L’ « affaire » Weinstein et le hashtag #BalanceTonPorc lancé le 13 octobre sur Twitter par la journaliste Sandra Muller ont provoqué un mouvement massif de libération de la parole des femmes et porté sur le devant de l’espace public et médiatique le sujet du harcèlement et des violences qu’elles subissent. Très nombreuses sont celles qui ont publié – et continuent de publier – sur les réseaux sociaux, des témoignages de harcèlements, violences et viols, en nommant parfois leurs agresseurs [1]. Parmi elles, de nombreuses journalistes, dénonçant des comportements sexistes et des violences au sein de leurs rédactions.

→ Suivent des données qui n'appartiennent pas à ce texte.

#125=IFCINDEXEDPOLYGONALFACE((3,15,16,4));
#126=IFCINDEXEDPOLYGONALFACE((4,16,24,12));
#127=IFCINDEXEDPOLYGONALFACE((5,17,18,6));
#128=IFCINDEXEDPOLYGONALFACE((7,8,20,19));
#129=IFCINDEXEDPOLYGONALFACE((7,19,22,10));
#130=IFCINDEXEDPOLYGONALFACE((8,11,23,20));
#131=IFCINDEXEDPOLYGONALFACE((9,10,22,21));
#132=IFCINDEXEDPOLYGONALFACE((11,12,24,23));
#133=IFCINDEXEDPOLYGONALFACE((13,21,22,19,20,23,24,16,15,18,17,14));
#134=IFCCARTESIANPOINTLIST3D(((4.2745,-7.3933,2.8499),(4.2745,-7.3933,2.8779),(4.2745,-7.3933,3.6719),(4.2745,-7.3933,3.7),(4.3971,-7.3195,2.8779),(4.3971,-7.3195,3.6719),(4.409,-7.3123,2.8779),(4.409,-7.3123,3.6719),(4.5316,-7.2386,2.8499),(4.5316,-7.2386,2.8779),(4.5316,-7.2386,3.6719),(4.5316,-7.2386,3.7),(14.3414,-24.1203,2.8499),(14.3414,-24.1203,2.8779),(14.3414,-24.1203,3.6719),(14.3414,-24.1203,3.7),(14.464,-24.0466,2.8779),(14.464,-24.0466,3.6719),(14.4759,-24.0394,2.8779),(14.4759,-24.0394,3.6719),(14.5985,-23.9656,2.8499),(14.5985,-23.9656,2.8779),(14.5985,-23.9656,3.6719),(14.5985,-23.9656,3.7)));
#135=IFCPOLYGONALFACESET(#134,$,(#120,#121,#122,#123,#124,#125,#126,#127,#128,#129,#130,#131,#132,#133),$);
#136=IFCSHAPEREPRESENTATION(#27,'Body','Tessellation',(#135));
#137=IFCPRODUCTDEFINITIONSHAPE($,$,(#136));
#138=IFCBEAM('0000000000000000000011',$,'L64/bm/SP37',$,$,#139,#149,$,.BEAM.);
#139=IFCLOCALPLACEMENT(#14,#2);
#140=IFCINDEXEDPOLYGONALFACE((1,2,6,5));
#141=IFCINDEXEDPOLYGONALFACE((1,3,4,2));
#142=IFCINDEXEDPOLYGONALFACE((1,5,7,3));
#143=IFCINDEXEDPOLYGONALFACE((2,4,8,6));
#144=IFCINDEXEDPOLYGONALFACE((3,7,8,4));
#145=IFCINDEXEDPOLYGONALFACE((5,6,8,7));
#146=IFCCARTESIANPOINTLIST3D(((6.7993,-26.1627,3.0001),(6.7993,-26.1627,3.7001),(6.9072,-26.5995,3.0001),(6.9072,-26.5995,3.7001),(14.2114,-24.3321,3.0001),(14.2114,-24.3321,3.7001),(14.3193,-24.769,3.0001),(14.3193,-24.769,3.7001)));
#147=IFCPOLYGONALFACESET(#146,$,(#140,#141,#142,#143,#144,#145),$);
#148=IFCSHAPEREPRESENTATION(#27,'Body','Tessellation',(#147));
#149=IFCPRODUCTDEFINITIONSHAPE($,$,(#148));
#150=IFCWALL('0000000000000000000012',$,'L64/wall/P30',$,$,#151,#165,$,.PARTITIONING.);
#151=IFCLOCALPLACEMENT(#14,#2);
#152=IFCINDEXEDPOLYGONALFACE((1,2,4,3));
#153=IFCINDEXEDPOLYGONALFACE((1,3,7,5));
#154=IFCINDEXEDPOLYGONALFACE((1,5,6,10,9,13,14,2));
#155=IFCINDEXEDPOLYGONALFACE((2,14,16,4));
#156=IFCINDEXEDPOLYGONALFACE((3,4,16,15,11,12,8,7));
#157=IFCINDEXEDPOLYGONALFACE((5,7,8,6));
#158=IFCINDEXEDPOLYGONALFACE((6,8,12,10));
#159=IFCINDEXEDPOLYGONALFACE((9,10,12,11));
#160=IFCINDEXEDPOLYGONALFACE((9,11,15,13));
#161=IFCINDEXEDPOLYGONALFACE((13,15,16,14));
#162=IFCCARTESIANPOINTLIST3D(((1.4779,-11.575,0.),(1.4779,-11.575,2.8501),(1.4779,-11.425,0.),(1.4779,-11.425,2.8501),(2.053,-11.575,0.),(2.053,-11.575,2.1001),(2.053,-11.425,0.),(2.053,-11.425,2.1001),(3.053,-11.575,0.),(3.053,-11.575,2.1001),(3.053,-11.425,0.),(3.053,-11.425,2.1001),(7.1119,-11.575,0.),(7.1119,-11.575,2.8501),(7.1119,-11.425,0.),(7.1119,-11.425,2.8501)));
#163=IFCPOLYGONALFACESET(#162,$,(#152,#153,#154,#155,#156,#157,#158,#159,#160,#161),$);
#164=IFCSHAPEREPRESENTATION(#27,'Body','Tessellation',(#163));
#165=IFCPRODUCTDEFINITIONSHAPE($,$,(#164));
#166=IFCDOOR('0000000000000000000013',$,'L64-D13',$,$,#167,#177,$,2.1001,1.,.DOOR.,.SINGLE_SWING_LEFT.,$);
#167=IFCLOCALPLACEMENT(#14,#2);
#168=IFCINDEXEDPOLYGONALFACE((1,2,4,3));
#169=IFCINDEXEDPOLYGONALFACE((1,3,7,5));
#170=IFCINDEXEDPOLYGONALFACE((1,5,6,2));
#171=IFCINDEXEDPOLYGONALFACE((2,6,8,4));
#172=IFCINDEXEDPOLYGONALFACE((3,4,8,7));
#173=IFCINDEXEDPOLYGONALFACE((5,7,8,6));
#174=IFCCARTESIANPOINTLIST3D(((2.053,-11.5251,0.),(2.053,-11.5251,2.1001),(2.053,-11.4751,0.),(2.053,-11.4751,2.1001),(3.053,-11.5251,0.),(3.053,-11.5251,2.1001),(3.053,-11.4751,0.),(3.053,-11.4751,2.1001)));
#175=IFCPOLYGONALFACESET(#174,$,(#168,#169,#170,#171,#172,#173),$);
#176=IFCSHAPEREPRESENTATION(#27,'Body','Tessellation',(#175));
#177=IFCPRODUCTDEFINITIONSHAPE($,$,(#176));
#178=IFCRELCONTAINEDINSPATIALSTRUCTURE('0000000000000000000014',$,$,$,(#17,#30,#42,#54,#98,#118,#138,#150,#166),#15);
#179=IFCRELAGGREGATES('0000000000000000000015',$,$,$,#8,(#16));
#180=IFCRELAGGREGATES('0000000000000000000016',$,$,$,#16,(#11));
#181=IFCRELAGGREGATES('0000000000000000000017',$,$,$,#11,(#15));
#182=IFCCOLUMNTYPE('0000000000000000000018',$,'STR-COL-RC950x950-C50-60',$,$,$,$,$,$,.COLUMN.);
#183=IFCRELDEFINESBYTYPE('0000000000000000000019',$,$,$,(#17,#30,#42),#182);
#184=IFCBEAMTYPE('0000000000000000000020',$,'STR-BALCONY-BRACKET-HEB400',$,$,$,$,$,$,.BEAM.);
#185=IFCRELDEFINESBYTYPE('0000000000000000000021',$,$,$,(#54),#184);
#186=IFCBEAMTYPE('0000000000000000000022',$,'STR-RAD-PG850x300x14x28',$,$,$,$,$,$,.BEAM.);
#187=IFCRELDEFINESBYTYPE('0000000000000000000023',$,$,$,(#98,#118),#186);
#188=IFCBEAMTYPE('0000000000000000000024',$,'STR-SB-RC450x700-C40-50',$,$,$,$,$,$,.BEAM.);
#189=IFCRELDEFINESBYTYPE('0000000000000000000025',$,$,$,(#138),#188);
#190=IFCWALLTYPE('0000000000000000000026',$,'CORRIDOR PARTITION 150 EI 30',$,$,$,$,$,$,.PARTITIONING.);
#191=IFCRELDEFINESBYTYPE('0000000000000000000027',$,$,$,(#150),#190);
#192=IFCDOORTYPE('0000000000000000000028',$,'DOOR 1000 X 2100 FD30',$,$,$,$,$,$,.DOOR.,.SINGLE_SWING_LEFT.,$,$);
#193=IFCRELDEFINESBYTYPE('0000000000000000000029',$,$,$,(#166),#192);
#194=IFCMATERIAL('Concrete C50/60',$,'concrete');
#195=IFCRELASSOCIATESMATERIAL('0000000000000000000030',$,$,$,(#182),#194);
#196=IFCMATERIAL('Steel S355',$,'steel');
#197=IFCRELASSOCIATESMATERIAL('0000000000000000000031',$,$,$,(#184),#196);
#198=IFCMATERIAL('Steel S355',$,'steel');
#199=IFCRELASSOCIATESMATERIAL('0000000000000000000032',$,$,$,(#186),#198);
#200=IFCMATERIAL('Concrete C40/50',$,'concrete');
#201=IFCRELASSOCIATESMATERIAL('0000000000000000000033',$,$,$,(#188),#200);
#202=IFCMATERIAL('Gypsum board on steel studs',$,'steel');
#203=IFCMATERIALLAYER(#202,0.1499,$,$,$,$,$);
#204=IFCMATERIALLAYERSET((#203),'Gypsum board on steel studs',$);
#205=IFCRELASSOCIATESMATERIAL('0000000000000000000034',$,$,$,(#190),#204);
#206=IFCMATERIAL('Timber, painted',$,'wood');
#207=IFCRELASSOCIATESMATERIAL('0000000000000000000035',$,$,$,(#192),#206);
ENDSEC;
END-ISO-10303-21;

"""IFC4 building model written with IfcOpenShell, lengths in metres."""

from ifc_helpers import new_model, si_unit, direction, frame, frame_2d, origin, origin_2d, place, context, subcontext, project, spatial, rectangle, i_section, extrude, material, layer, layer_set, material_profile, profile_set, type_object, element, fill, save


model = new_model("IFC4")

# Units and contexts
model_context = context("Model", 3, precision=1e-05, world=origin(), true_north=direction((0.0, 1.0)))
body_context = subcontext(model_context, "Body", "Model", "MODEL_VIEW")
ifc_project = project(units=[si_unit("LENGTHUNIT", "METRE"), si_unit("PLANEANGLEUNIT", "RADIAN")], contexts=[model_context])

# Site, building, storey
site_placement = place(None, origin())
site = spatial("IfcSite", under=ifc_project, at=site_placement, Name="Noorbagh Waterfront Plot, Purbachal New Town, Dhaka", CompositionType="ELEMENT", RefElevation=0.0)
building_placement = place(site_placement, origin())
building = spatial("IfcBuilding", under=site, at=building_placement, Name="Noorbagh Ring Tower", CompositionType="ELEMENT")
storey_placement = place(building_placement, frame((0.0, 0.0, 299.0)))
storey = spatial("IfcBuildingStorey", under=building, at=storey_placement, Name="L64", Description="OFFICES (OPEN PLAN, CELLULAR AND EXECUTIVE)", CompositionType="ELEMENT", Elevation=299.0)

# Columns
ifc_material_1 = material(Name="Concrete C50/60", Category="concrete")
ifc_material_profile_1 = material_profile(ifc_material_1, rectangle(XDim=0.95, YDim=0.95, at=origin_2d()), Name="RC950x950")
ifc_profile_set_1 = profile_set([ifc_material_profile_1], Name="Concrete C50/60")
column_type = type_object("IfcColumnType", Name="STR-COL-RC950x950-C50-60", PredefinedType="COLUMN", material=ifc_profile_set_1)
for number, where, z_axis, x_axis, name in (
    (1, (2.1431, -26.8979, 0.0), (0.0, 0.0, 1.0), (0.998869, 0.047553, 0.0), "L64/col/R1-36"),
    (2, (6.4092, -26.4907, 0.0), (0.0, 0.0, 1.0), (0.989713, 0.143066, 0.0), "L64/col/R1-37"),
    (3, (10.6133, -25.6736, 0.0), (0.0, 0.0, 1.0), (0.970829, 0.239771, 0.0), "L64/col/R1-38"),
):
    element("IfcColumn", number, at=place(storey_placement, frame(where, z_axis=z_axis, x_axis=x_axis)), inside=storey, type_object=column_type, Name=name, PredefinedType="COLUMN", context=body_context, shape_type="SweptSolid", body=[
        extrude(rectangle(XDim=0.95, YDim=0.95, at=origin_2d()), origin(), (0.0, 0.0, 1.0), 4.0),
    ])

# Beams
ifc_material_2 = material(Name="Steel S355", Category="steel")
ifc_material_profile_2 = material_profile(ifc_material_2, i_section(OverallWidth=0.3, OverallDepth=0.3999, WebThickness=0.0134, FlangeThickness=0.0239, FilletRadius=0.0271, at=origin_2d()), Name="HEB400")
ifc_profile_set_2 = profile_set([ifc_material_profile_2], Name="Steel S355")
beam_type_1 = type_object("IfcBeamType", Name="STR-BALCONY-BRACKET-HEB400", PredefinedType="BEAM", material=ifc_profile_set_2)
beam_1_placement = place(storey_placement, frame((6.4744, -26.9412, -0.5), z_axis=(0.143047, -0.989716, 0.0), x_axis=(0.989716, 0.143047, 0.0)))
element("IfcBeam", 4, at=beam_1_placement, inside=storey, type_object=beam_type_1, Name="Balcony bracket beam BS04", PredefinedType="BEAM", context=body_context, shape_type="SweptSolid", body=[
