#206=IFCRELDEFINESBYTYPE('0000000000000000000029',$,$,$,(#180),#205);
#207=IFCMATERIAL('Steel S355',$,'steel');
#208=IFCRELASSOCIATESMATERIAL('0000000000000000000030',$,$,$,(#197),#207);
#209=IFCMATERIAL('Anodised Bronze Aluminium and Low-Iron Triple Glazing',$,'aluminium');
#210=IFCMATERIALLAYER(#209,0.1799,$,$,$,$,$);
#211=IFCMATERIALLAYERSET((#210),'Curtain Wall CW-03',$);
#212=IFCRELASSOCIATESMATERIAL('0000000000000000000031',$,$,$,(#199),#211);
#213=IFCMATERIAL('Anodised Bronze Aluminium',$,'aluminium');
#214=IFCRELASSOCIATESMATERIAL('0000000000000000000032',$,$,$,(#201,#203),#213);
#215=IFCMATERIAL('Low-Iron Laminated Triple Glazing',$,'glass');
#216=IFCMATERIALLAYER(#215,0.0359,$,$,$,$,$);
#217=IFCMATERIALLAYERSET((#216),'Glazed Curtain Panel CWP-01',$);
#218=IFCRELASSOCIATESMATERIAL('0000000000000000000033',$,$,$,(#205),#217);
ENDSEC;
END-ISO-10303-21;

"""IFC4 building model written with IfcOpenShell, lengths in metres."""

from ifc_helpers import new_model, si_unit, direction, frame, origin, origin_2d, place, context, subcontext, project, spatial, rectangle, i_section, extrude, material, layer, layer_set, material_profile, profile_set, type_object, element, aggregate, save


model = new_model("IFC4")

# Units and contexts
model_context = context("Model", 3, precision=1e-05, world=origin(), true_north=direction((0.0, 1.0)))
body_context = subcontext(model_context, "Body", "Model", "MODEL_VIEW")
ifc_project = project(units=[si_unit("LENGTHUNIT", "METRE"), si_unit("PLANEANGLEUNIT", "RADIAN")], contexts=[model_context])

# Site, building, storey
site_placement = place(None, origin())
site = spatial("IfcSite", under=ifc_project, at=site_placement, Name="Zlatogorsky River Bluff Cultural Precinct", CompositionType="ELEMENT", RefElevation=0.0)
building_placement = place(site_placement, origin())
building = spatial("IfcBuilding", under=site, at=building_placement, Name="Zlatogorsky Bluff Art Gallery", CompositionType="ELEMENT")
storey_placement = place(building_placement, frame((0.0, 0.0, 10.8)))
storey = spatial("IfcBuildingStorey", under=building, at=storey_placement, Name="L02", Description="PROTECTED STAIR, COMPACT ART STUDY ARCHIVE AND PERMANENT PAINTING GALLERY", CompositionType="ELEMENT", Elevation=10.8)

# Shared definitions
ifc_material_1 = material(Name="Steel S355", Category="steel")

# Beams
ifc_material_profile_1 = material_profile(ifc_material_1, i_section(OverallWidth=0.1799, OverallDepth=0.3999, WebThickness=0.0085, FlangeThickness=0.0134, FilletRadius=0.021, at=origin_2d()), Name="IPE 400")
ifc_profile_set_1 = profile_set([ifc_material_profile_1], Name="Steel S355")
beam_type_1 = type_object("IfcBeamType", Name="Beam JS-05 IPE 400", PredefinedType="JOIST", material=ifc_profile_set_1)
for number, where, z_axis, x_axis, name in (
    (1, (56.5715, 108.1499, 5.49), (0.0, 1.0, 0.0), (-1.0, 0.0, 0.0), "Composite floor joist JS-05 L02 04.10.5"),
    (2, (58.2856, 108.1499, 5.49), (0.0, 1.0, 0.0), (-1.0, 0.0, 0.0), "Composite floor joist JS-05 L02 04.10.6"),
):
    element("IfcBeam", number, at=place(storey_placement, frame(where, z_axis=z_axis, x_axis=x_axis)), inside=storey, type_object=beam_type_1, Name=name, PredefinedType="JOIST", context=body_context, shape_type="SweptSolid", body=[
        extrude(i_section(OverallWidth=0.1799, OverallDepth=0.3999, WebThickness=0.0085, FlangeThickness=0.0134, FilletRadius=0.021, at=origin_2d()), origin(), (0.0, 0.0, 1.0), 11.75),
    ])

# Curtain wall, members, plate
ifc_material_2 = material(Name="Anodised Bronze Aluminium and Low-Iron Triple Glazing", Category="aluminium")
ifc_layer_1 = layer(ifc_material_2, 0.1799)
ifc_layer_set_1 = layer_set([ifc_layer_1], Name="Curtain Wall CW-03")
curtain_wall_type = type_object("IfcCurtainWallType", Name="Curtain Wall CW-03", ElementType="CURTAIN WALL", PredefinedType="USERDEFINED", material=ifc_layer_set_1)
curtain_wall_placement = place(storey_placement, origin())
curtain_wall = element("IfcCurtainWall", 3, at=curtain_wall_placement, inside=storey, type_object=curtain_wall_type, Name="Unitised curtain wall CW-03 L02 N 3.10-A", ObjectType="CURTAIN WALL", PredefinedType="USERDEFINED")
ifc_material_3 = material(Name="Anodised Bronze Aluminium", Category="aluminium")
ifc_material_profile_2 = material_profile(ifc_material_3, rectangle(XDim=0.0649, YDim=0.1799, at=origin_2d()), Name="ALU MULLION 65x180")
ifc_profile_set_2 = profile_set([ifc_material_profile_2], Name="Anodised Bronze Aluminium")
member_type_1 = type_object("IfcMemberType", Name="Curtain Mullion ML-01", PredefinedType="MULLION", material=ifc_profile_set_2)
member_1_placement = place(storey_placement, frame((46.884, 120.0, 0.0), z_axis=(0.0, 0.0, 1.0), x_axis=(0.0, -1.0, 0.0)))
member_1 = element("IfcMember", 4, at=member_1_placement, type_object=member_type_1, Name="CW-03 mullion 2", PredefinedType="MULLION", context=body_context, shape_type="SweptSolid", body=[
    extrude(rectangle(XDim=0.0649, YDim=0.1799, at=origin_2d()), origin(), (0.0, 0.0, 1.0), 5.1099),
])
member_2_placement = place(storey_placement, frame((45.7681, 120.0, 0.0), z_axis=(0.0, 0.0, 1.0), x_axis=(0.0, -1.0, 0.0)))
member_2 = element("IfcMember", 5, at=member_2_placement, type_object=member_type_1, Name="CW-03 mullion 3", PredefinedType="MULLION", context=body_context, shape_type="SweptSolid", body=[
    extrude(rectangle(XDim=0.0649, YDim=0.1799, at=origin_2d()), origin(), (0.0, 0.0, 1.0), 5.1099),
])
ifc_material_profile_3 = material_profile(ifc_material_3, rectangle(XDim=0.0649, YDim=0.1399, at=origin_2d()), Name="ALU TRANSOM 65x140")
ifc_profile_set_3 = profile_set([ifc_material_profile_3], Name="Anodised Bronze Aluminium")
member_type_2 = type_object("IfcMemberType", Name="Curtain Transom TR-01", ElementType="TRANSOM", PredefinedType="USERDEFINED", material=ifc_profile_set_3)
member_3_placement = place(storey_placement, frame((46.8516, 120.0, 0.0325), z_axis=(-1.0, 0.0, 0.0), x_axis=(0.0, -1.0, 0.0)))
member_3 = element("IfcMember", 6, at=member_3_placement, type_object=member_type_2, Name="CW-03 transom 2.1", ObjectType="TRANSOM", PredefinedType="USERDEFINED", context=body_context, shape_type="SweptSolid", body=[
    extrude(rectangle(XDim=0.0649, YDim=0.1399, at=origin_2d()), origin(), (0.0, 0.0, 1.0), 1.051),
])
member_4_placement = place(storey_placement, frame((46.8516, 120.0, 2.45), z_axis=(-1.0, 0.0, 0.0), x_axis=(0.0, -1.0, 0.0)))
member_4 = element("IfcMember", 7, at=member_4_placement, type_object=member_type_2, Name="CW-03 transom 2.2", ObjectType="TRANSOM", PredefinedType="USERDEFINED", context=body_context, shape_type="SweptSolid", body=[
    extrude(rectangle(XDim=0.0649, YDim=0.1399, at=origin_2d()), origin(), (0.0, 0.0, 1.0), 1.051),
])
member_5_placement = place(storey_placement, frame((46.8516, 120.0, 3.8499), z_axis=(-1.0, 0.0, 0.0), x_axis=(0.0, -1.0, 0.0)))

Le traitement médiatique – massif – de ce mouvement interroge à bien des titres : de quoi parlent les médias depuis le lancement du hashtag ? Comment parlent-ils des violences ? À qui donnent-ils la parole ? Comment les journalistes traitent-ils des cas de violences et de harcèlement mis en lumière dans leurs propres rédactions ou dans des structures « concurrentes » ? Comment les journalistes enquêtent-ils sur le sujet ? Autant de questions que nous essaierons de traiter dans une série de trois articles.
Ce premier volet revient sur les traits et les biais les plus récurrents et les plus critiquables de la couverture par les médias dominants des révélations qui, depuis plusieurs semaines, mettent en évidence l’ampleur et le caractère structurel des violences et du harcèlement sexistes. (...)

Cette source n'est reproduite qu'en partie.